As famous as LA, we believe this city is still underappreciated. We all know the weather is fantastic and the beaches are beautiful, but most people don’t realize the depths of the culture in this city. The museums are world-class, the city is full of family-friendly activities, and the food here is off the charts in every aspect. In our opinions, LA has the best street food and the best fine dining of any city in the country. Thanks to the incredible diversity in the city, we’ve gotten to explore cuisines we had never tried before. It’s impossible to get bored as a foodie in LA. But that idea can be applied to essentially everything in LA. With so many things to do every day and every weekend, there is no such thing as a typical weekend in LA. 

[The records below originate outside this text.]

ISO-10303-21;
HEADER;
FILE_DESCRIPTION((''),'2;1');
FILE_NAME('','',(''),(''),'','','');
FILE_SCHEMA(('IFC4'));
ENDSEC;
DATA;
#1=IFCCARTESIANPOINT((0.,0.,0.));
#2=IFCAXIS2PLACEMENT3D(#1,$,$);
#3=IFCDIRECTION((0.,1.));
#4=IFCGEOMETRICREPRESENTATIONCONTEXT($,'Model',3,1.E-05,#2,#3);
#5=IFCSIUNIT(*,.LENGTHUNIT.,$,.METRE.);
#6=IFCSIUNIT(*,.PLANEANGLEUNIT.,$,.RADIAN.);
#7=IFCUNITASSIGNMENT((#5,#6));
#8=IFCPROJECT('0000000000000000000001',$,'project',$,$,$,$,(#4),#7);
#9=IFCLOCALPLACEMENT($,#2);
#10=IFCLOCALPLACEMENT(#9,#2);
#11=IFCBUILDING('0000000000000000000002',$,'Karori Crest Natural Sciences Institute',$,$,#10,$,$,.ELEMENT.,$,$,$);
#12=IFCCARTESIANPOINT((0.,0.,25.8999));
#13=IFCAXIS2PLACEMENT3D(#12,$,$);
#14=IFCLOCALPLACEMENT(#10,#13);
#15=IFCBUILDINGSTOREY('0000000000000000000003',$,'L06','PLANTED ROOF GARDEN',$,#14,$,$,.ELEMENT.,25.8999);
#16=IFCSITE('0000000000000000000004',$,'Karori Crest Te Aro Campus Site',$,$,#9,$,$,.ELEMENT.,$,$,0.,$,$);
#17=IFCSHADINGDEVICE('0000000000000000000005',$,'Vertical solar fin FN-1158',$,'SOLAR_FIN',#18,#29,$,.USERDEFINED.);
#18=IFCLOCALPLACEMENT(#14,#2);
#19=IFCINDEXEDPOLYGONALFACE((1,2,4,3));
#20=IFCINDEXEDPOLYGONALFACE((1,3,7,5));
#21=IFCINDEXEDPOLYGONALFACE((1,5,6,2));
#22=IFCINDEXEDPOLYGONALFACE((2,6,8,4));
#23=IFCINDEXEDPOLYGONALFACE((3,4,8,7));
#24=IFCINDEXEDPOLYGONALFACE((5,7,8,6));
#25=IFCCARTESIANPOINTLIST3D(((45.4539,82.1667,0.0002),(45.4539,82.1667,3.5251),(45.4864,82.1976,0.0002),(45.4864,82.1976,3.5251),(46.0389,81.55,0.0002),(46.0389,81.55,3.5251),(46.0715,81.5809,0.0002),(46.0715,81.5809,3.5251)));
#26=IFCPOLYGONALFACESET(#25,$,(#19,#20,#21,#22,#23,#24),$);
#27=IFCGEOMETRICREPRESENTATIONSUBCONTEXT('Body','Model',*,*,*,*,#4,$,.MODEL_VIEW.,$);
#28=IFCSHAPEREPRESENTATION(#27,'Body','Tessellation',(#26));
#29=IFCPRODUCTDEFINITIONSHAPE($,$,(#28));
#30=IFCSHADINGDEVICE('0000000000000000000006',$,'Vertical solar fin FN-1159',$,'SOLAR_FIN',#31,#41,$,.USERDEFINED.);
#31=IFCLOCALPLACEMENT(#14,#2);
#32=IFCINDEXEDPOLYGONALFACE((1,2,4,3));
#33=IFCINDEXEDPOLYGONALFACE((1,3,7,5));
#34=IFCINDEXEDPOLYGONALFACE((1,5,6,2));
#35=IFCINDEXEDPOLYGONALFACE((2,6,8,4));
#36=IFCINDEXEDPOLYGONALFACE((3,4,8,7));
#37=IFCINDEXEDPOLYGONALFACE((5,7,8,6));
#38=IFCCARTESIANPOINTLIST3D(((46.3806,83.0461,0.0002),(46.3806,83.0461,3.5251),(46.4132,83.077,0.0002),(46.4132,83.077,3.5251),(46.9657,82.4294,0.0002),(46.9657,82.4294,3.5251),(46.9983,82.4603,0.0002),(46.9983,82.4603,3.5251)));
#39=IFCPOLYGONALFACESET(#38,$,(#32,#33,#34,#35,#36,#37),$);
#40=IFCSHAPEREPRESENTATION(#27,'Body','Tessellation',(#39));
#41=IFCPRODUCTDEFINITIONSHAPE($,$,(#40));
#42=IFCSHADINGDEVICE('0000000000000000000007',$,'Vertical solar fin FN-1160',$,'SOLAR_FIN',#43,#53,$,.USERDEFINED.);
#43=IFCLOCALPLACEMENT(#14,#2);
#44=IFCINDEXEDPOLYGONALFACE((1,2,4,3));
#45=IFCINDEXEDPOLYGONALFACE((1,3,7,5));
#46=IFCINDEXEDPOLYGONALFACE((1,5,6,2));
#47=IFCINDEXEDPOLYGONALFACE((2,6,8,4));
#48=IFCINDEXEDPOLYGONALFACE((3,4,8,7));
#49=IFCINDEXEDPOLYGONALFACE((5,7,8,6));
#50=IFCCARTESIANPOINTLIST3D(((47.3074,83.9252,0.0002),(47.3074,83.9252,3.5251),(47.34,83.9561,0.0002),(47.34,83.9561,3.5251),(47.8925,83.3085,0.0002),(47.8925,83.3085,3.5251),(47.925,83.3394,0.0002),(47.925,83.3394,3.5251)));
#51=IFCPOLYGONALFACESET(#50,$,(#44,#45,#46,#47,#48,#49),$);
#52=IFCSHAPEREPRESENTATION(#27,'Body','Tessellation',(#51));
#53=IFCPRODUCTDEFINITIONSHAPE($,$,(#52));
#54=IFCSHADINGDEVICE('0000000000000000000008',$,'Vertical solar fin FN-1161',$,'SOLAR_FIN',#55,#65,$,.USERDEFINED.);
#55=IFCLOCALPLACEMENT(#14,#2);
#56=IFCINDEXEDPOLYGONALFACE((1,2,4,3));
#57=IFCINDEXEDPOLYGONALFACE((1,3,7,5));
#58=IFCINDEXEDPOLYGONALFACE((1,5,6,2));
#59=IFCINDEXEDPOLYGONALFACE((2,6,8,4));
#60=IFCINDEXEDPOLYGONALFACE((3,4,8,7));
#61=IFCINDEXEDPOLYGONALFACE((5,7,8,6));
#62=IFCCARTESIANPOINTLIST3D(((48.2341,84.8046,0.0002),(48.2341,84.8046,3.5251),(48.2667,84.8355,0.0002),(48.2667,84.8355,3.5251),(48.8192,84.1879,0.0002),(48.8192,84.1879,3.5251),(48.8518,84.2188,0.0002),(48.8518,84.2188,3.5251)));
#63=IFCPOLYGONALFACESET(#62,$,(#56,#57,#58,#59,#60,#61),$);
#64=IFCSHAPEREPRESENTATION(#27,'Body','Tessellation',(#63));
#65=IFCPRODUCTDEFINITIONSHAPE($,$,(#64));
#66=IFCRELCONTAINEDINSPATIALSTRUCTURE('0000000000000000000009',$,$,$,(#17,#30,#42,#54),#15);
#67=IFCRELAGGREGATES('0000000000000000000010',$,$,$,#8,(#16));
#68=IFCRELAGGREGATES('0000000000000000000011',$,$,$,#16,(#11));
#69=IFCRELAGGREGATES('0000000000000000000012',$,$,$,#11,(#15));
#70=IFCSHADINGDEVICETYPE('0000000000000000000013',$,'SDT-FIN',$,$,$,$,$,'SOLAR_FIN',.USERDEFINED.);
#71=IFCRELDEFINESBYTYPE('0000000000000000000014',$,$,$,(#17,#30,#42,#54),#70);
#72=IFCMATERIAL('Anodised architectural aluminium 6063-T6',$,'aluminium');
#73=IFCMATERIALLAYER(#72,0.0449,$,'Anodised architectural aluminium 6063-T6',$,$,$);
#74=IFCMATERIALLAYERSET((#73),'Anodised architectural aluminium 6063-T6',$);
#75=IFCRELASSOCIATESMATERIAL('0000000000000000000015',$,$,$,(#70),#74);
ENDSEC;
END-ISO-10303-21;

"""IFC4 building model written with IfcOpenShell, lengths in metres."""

from ifc_helpers import new_model, si_unit, direction, frame, origin, origin_2d, place, context, subcontext, project, spatial, rectangle, extrude, material, layer, layer_set, type_object, element, save


model = new_model("IFC4")

# Units and contexts
model_context = context("Model", 3, precision=1e-05, world=origin(), true_north=direction((0.0, 1.0)))
body_context = subcontext(model_context, "Body", "Model", "MODEL_VIEW")
ifc_project = project(units=[si_unit("LENGTHUNIT", "METRE"), si_unit("PLANEANGLEUNIT", "RADIAN")], contexts=[model_context])

# Site, building, storey
site_placement = place(None, origin())
site = spatial("IfcSite", under=ifc_project, at=site_placement, Name="Karori Crest Te Aro Campus Site", CompositionType="ELEMENT", RefElevation=0.0)
building_placement = place(site_placement, origin())
building = spatial("IfcBuilding", under=site, at=building_placement, Name="Karori Crest Natural Sciences Institute", CompositionType="ELEMENT")
storey_placement = place(building_placement, frame((0.0, 0.0, 25.8999)))
storey = spatial("IfcBuildingStorey", under=building, at=storey_placement, Name="L06", Description="PLANTED ROOF GARDEN", CompositionType="ELEMENT", Elevation=25.8999)

# Shared definitions
ifc_material_1 = material(Name="Anodised architectural aluminium 6063-T6", Category="aluminium")

# Shading devices
ifc_layer_1 = layer(ifc_material_1, 0.0449, Name="Anodised architectural aluminium 6063-T6")
ifc_layer_set_1 = layer_set([ifc_layer_1], Name="Anodised architectural aluminium 6063-T6")
shading_device_type = type_object("IfcShadingDeviceType", Name="SDT-FIN", ElementType="SOLAR_FIN", PredefinedType="USERDEFINED", material=ifc_layer_set_1)
for number, where, z_axis, x_axis, name in (
    (1, (45.7627, 81.8738, 0.0002), (0.0, 0.0, 1.0), (-0.688251, 0.725473, 0.0), "Vertical solar fin FN-1158"),
    (2, (46.6895, 82.7532, 0.0002), (0.0, 0.0, 1.0), (-0.688251, 0.725473, 0.0), "Vertical solar fin FN-1159"),
    (3, (47.6162, 83.6323, 0.0002), (0.0, 0.0, 1.0), (-0.688251, 0.725473, 0.0), "Vertical solar fin FN-1160"),
    (4, (48.543, 84.5117, 0.0002), (0.0, 0.0, 1.0), (-0.688251, 0.725473, 0.0), "Vertical solar fin FN-1161"),
):
    element("IfcShadingDevice", number, at=place(storey_placement, frame(where, z_axis=z_axis, x_axis=x_axis)), inside=storey, type_object=shading_device_type, Name=name, ObjectType="SOLAR_FIN", PredefinedType="USERDEFINED", context=body_context, shape_type="SweptSolid", body=[
        extrude(rectangle(XDim=0.8501, YDim=0.0449, at=origin_2d()), origin(), (0.0, 0.0, 1.0), 3.5249),
    ])

save(model, "model.ifc")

Of course, no city is perfect. Obviously, dealing with the traffic is a way of life here, one I’m sure we could all do without! Homelessness is, of course, a hot topic, as well as the usual issues of crime and education. However, we believe that all these issues can be solved if we put our minds to it. One final underrated aspect of Angelenos, we have a positive, can-do attitude. It’s the city where dreams are made, and we can do anything we set our minds to.